Die Nominierten in der Kategorie «Wirtschaft»

Die Jury des SwissAward hat die Nominierten aus der Wirtschaft bestimmt.

Albert Baumann, Unternehmensleiter Micarna SA - Gewinner in der Kategorie «Wirtschaft»

Nominiert für das wegweisende Lehrlingsprogramm Mazubi bei Micarna.

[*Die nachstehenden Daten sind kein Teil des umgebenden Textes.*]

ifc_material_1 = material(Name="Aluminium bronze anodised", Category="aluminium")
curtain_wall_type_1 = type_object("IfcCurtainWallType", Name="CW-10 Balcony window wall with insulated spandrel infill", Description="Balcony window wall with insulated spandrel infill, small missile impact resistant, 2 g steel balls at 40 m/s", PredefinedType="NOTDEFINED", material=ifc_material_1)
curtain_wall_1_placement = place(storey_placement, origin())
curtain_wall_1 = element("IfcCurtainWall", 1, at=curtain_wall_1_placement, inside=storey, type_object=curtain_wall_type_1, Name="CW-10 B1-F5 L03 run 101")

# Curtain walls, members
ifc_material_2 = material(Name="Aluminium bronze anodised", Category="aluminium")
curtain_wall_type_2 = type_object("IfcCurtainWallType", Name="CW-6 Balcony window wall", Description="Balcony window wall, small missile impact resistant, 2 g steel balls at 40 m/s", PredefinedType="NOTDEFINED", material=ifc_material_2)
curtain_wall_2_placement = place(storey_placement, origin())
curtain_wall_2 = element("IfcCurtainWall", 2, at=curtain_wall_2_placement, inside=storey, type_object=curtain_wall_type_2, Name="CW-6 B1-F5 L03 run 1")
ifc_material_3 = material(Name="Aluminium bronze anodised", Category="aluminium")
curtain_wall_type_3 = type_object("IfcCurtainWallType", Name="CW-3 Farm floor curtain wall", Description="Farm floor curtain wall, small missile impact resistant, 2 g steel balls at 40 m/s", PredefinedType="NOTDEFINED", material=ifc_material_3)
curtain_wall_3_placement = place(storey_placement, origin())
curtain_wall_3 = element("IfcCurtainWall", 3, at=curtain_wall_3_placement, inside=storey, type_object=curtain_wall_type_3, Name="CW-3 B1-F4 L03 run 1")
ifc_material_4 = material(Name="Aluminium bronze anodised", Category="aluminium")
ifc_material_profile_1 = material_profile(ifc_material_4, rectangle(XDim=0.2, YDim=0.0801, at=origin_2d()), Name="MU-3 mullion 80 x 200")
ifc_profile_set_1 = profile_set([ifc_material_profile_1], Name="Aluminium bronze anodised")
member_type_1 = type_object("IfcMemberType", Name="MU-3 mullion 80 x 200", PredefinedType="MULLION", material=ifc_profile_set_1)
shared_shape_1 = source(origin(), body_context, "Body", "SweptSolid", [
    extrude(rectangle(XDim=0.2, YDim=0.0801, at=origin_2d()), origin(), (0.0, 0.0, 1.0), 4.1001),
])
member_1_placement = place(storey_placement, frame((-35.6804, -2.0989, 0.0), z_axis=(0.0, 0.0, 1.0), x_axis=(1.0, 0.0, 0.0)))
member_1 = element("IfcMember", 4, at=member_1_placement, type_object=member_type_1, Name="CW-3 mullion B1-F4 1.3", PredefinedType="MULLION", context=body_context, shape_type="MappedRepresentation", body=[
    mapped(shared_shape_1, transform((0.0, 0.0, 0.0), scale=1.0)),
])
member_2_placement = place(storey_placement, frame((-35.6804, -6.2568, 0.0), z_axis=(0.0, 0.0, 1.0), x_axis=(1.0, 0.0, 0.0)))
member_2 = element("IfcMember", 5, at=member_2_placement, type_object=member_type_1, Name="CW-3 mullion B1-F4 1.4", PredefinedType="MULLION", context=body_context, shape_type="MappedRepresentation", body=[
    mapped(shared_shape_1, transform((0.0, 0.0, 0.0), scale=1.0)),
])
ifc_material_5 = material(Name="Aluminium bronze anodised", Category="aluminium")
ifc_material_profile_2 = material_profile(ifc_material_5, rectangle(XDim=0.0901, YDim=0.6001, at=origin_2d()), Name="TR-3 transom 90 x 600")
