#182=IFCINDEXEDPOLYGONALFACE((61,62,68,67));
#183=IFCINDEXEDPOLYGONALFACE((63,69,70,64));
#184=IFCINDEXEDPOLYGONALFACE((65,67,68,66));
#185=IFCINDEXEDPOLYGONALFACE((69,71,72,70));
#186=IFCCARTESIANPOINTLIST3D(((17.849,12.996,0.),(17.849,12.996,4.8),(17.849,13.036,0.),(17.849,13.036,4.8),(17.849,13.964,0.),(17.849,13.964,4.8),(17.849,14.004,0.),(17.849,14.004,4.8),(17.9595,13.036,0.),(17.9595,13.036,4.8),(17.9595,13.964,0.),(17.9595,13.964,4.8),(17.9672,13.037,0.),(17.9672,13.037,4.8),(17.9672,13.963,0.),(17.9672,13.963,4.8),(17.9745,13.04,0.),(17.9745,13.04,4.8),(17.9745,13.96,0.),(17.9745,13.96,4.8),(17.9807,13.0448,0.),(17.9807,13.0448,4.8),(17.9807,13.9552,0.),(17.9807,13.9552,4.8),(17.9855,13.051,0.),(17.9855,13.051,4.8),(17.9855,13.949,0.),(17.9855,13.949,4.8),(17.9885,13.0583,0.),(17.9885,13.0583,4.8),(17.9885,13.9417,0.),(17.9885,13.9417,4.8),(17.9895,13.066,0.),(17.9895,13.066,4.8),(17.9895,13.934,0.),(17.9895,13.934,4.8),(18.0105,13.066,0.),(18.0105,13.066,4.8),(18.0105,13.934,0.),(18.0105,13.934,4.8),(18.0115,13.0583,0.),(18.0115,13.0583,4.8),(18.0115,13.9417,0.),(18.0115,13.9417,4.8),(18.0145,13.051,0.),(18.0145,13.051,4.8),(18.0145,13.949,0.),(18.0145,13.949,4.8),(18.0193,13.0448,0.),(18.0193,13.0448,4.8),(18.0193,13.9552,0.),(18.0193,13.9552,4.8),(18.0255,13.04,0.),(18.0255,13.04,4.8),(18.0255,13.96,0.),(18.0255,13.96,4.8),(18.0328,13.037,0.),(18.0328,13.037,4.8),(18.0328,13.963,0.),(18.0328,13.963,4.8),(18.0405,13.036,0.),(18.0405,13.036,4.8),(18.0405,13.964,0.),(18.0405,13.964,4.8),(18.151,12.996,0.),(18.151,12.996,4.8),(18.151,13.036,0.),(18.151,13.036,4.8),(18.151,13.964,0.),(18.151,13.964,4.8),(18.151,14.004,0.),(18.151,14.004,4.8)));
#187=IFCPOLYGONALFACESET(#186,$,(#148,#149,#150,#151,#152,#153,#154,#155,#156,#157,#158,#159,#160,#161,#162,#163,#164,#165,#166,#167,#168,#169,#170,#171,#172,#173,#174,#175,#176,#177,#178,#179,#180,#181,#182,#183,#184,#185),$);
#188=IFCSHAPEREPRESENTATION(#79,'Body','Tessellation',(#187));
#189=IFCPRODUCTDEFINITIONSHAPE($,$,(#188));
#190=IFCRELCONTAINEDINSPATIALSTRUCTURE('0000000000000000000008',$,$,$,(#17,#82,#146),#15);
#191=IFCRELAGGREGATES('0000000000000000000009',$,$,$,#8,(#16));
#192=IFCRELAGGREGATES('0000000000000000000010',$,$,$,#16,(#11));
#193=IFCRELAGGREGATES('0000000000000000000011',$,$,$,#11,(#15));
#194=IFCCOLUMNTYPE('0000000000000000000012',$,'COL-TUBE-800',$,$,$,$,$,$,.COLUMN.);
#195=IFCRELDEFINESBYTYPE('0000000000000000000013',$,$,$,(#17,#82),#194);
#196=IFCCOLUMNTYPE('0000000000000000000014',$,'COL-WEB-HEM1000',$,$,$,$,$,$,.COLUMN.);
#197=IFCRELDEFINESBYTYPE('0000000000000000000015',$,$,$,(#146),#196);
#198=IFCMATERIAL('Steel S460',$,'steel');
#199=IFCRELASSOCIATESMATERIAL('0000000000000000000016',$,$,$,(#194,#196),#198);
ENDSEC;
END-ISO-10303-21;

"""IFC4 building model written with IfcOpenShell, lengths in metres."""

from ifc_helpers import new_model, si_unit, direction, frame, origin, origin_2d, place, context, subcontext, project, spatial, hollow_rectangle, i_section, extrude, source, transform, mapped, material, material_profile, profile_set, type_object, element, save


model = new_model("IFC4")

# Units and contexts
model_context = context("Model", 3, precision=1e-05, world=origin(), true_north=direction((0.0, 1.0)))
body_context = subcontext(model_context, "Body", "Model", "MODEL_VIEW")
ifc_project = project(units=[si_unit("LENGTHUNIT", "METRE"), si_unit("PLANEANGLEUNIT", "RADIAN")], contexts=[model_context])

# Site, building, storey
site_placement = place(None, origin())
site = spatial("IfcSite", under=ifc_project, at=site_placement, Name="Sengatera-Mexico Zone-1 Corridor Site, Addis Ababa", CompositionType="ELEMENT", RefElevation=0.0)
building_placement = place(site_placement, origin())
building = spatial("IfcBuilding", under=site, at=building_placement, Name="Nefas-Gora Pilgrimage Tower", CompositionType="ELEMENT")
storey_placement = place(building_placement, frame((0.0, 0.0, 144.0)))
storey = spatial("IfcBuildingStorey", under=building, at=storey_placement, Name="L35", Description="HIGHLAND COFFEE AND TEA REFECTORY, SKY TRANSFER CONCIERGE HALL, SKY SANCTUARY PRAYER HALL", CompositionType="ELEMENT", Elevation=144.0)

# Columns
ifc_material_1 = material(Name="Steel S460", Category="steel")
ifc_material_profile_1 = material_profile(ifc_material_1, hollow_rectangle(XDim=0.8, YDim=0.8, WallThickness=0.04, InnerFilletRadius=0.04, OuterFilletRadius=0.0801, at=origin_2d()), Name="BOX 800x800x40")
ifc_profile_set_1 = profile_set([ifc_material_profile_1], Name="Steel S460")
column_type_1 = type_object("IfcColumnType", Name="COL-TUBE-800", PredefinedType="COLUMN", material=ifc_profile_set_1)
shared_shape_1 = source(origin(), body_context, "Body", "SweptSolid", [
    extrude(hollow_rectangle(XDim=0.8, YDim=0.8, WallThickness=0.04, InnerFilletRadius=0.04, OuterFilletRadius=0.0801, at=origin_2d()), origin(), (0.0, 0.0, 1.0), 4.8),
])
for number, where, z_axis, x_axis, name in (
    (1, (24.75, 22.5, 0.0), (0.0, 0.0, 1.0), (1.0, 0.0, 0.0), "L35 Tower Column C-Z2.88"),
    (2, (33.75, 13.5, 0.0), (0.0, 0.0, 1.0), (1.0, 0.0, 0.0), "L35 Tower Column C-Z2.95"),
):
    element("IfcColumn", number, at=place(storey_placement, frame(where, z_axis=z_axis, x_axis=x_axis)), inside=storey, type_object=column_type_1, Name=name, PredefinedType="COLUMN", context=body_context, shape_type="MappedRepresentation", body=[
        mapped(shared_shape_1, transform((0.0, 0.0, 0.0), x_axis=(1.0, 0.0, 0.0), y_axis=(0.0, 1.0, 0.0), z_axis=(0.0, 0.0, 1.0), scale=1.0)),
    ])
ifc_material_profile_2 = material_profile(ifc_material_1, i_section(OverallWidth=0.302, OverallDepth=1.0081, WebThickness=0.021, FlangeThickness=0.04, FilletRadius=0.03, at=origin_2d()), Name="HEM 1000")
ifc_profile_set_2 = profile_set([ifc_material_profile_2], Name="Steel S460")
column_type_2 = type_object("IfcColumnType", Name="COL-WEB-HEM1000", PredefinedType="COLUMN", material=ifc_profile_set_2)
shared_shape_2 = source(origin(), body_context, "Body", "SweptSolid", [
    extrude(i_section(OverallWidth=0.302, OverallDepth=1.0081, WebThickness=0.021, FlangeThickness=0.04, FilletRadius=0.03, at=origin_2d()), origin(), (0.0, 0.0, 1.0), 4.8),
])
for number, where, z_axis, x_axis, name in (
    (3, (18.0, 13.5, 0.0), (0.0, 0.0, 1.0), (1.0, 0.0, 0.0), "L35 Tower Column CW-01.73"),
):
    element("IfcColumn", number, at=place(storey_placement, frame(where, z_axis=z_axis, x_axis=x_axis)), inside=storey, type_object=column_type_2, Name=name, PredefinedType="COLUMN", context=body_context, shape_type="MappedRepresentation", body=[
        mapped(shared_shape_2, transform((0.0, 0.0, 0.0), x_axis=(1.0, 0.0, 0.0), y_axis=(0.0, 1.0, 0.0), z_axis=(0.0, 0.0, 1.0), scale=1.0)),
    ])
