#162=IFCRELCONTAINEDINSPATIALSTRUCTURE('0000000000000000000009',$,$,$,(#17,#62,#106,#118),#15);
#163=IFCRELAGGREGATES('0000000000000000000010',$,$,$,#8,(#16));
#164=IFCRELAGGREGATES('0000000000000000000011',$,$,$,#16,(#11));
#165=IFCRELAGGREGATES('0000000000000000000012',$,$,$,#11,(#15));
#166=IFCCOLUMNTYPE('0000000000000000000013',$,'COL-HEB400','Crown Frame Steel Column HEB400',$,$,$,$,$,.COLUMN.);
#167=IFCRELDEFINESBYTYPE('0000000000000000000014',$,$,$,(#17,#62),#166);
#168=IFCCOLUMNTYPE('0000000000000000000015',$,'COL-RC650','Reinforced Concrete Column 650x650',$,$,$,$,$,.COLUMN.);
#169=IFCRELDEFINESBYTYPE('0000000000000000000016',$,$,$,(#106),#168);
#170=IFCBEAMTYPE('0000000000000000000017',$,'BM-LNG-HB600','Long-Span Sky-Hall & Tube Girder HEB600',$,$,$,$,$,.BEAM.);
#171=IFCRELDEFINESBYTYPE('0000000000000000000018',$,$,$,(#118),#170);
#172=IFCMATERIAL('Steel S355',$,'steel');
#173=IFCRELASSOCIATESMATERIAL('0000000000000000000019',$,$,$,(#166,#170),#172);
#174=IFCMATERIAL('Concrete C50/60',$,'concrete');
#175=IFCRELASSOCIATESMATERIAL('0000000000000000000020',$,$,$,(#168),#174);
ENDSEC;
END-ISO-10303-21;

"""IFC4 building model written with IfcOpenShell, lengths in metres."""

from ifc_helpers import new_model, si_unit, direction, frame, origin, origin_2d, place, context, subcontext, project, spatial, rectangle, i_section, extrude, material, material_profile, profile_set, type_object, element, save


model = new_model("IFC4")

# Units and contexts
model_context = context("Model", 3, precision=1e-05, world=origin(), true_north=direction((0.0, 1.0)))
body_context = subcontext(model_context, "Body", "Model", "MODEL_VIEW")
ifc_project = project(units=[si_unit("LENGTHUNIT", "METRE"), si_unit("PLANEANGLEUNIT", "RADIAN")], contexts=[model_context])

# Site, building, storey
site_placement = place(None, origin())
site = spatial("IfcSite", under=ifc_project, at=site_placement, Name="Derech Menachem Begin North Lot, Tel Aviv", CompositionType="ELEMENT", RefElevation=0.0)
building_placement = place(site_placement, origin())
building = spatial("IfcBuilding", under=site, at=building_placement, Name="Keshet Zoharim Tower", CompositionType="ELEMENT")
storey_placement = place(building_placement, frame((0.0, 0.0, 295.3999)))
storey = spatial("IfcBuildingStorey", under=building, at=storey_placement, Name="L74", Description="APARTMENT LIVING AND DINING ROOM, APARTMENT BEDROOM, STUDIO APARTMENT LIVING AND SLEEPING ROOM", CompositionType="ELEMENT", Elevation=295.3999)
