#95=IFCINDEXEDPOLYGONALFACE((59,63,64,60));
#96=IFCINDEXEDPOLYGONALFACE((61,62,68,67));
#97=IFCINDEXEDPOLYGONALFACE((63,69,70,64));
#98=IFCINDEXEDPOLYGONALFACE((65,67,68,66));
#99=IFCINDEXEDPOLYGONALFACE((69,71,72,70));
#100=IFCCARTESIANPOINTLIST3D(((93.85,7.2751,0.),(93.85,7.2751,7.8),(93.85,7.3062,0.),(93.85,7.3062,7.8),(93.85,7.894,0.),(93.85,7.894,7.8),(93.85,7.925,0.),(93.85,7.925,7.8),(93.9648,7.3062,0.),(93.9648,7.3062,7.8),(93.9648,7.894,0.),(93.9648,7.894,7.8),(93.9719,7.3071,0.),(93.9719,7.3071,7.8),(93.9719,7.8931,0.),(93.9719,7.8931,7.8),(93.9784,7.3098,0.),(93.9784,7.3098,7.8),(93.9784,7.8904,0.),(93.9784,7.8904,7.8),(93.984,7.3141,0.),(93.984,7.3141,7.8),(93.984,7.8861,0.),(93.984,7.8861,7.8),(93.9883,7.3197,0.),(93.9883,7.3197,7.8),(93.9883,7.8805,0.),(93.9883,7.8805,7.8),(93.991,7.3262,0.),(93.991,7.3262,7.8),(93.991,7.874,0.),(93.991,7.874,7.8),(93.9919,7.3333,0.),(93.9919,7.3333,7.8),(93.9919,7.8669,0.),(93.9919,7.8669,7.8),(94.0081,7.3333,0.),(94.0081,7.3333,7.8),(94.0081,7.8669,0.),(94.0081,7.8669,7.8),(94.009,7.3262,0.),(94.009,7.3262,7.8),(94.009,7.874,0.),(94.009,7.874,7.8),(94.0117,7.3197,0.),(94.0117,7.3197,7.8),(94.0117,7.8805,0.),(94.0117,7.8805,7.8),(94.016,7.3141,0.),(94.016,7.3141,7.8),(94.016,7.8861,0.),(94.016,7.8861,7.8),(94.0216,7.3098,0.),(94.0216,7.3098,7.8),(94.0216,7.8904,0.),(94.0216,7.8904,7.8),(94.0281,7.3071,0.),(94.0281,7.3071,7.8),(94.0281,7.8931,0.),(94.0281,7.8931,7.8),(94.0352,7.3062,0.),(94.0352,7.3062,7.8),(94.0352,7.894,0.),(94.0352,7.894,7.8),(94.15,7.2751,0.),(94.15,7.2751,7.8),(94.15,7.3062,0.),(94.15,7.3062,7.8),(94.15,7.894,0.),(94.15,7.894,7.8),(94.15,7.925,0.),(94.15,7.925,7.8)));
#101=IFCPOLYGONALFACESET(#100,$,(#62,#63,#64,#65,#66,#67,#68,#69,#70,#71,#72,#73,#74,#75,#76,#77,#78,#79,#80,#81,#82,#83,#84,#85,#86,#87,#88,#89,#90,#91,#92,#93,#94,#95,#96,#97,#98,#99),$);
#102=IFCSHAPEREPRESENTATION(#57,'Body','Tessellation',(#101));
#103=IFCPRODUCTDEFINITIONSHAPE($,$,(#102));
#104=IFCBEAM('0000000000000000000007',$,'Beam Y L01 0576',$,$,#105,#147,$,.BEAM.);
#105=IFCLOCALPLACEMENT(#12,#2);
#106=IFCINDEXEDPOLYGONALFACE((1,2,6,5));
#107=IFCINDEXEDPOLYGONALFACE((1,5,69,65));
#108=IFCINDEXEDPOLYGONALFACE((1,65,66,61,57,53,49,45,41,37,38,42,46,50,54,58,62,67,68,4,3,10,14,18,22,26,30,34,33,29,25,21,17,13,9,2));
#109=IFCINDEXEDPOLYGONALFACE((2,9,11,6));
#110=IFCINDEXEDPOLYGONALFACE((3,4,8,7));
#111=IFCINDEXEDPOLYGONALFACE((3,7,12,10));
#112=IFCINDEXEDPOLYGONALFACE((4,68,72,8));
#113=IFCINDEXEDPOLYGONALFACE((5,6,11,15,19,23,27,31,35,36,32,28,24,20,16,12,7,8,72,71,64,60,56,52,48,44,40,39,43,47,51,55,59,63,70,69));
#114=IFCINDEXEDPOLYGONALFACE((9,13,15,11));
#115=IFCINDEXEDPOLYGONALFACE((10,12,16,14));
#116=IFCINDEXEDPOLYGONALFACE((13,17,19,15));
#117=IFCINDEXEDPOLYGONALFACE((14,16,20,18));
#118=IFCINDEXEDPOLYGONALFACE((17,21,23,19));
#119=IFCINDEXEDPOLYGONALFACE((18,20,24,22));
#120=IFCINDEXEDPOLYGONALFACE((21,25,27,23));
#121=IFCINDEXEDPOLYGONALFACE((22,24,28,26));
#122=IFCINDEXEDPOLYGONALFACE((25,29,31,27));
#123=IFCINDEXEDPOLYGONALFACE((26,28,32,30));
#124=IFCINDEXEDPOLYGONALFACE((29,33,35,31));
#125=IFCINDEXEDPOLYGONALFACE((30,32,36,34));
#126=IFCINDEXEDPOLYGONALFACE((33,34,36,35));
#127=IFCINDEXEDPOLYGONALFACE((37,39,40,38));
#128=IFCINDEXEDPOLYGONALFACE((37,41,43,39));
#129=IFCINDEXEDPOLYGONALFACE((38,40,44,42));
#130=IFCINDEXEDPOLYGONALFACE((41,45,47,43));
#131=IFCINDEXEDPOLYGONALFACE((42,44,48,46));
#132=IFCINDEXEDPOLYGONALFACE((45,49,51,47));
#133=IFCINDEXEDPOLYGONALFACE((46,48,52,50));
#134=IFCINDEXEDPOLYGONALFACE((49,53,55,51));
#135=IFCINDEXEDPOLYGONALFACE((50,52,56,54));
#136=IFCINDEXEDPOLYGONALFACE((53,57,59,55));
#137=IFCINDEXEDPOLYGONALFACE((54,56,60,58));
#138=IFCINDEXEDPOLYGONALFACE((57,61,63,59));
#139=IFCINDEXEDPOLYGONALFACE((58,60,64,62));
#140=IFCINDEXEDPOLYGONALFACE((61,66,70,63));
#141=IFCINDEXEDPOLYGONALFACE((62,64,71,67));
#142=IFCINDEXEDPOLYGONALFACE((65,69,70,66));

Albert Baumann erhielt den Preis der Hans Huber Stiftung für ausserordentliche Leistungen in Sachen Berufsförderung, konkret für das einzigartige Lehrlingsprogramm mit der internen Lernendenfirma Mazubi. Mazubi ist ein virtuelles Unternehmen innerhalb der Micarna, das von Lernenden betrieben und geführt wird. Diese kümmern sich vom Einkauf über die Produktion und Logistik bis zum Marketing und Verkauf um alle Geschäftsbereiche und entwickeln und produzieren reale Produkte. Ziel von Mazubi ist laut Micarna, den Lernenden eine praxisnahe Ausbildung zu ermöglichen und das Verantwortungsbewusstsein und das unternehmerische Denken zu fördern.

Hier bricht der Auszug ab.